ACEH UTARA – Badan Narkotika Nasional Republik Indonesia (BNN RI) melakukan pemusnahan lahan ganja di wilayah Aceh Utara, Provinsi Aceh, pada Selasa (23/1/2024). Kepala BNN RI, Marthinus Hukom, memimpin operasi pemusnahan tersebut sebagai bagian dari upaya pencegahan dan pemberantasan penyalahgunaan serta peredaran gelap narkotika dan prekursor narkotika (P4GN).
Operasi pemusnahan dilakukan di tiga titik lokasi penanaman ganja dengan total lahan seluas ± 2 hektar di Desa Teupin reusep, Kecamatan Sawang, Kabupaten Aceh Utara. Lahan ganja tersebut merupakan hasil temuan Tim BNN RI dari kegiatan monitoring lahan tanaman narkotika yang dilaksanakan secara sinergis dengan Polri, khususnya Polres Aceh Utara, Polda Aceh, Badan Riset dan Inovasi Nasional (BRIN), dan Badan Informasi Geospasial (BIG).

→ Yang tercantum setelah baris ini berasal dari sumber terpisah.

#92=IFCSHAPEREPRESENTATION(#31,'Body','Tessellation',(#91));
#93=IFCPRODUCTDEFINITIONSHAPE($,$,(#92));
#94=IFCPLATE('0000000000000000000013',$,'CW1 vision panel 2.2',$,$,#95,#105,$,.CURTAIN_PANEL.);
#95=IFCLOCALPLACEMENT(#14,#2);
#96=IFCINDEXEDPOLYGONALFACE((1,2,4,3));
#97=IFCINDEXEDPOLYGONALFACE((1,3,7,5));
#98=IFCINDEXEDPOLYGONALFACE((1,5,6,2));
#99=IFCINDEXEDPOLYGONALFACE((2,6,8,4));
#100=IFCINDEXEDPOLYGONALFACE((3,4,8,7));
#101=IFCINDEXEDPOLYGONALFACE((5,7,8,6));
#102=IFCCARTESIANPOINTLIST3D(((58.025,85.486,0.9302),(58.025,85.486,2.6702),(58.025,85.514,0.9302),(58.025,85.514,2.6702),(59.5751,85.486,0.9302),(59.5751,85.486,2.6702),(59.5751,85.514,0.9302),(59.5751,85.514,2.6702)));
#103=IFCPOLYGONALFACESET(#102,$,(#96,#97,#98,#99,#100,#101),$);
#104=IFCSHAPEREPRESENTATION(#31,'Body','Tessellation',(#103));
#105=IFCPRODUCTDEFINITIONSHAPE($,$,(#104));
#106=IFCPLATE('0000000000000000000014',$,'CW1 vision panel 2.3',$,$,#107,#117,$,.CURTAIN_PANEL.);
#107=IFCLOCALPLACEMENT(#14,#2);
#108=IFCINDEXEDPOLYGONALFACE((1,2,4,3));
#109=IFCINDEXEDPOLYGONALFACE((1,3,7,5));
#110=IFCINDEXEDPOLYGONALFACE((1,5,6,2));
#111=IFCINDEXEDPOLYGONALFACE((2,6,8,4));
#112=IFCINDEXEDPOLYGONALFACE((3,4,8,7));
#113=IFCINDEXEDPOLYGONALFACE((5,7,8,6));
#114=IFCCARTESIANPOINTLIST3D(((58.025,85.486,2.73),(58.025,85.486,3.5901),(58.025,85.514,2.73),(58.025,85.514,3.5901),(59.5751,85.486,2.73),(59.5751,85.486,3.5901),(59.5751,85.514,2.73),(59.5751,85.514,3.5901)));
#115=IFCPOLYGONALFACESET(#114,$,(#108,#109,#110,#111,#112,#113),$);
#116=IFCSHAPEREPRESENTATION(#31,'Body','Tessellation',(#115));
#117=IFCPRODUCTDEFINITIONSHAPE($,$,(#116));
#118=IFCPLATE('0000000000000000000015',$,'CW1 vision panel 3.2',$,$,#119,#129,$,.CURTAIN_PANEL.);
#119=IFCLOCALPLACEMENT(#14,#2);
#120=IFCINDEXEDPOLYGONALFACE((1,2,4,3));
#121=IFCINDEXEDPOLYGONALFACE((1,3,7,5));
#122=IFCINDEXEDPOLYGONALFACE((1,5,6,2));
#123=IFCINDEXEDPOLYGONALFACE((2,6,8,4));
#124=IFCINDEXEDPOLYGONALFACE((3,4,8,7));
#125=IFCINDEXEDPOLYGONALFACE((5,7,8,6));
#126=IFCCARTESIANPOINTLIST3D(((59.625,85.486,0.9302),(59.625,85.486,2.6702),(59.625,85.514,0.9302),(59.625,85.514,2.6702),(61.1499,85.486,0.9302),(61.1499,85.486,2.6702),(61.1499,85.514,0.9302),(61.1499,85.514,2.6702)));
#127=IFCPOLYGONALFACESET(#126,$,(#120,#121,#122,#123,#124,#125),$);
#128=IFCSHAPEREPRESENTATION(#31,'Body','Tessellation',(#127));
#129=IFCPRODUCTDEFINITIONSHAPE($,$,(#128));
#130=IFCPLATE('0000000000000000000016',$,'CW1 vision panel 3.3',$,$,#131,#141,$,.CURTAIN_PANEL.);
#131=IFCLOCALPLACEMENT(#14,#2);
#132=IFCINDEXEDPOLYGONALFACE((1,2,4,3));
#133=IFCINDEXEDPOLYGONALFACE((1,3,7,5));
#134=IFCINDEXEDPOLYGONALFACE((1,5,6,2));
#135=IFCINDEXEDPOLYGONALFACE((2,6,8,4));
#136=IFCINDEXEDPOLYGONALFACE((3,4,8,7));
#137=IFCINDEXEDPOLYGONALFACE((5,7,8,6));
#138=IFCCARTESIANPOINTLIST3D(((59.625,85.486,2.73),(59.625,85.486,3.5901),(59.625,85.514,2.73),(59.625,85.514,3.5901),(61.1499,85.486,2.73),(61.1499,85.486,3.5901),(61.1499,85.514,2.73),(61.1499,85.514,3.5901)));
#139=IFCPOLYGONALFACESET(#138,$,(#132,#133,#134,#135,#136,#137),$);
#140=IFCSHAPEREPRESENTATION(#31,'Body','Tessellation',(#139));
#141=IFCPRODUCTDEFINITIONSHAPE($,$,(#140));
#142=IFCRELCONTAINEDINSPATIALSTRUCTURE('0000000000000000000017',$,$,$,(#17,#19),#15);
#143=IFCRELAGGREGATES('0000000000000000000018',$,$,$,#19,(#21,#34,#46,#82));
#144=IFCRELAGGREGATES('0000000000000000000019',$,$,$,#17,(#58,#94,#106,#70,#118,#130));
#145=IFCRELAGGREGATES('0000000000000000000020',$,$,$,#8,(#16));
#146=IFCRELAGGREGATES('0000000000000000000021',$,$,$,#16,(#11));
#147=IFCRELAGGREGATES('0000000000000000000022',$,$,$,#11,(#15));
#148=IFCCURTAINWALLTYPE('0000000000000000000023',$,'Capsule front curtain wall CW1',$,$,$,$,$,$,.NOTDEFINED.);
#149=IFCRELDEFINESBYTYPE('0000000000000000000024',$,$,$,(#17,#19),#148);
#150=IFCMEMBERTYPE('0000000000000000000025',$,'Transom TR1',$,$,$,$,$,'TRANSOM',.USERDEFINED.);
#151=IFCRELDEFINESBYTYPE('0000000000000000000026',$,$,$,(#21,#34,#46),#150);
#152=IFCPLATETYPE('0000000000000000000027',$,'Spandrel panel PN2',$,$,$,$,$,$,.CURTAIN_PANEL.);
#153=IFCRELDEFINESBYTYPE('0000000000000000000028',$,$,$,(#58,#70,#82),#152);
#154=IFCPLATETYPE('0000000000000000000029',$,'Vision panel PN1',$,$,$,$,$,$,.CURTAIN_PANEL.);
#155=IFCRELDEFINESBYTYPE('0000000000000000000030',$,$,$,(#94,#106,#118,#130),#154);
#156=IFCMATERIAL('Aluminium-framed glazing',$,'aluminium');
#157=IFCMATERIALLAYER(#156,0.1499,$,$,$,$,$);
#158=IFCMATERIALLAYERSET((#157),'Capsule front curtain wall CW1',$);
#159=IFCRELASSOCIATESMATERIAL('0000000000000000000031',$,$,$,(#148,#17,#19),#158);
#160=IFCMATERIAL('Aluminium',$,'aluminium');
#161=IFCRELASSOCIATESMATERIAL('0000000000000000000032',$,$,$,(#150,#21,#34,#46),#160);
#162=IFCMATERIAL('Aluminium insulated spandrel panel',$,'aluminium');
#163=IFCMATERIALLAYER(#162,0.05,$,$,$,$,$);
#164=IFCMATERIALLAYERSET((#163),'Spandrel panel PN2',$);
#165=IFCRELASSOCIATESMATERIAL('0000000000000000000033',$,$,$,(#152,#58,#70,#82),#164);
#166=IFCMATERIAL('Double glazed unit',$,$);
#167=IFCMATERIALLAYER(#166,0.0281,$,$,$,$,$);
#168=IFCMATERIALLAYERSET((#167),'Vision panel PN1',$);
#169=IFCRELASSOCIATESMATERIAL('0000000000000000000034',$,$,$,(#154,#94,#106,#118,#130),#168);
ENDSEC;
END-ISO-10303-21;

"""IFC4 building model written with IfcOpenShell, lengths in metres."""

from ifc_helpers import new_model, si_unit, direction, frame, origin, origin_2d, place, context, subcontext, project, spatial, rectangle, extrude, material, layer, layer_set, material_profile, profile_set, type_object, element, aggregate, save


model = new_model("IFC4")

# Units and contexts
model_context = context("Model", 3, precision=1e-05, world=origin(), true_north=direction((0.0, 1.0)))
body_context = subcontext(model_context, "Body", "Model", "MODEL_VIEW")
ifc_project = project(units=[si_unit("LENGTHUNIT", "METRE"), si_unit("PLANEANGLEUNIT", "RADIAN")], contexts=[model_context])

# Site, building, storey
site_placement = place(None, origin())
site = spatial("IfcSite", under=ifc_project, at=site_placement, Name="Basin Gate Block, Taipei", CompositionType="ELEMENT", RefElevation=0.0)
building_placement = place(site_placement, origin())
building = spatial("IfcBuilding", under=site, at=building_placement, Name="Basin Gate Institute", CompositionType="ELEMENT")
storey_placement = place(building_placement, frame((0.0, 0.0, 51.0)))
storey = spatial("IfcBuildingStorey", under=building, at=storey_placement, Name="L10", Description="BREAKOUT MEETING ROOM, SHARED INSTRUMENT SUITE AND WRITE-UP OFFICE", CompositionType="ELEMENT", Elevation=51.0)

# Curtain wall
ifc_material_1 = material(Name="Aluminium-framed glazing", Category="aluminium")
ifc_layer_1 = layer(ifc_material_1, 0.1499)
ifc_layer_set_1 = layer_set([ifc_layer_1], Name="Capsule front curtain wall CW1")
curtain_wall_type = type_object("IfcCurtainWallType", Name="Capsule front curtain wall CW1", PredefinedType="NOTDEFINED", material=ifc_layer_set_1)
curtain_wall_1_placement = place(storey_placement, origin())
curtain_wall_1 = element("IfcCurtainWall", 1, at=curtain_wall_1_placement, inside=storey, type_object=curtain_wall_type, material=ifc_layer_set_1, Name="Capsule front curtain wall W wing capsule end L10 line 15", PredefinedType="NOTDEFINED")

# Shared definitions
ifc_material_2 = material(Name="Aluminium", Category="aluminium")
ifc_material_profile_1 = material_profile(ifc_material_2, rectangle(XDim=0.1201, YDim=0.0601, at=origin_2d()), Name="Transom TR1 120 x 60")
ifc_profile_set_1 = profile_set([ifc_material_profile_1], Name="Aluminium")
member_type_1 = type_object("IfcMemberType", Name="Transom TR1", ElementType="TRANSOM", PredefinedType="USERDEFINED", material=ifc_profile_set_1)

Jumlah tanaman ganja yang dimusnahkan mencapai 22.864 pohon dengan berat total ± 10 ton. Tinggi tanaman ganja bervariasi antara 60 cm hingga 200 cm, dengan jarak tanam antara 50 cm hingga 100 cm. Selain itu, di lahan tersebut juga ditemukan bibit tanaman ganja siap tanam yang disimpan dalam polybag.
Kepala BNN RI, Marthinus Hukom, menjelaskan bahwa pemusnahan dilakukan sesuai dengan amanat Pasal 92 ayat (1) dan (2) Undang-Undang No. 35 Tahun 2009 tentang Narkotika. Pelaku penanam ganja dapat dihukum dengan pidana penjara seumur hidup atau pidana penjara paling singkat 5 tahun dan paling lama 20 tahun, sebagaimana diatur dalam Pasal 111 ayat (2) Undang-Undang No. 35 Tahun 2009 tentang Narkotika.
Pemusnahan lahan ganja ini merupakan wujud komitmen BNN RI dalam melindungi masyarakat dan negara dari ancaman narkotika, seiring dengan upaya pencegahan dan pemberantasan penyalahgunaan narkotika di seluruh wilayah Republik Indonesia. Operasi ini merupakan kolaborasi antara berbagai lembaga terkait guna mengatasi permasalahan narkotika secara holistik.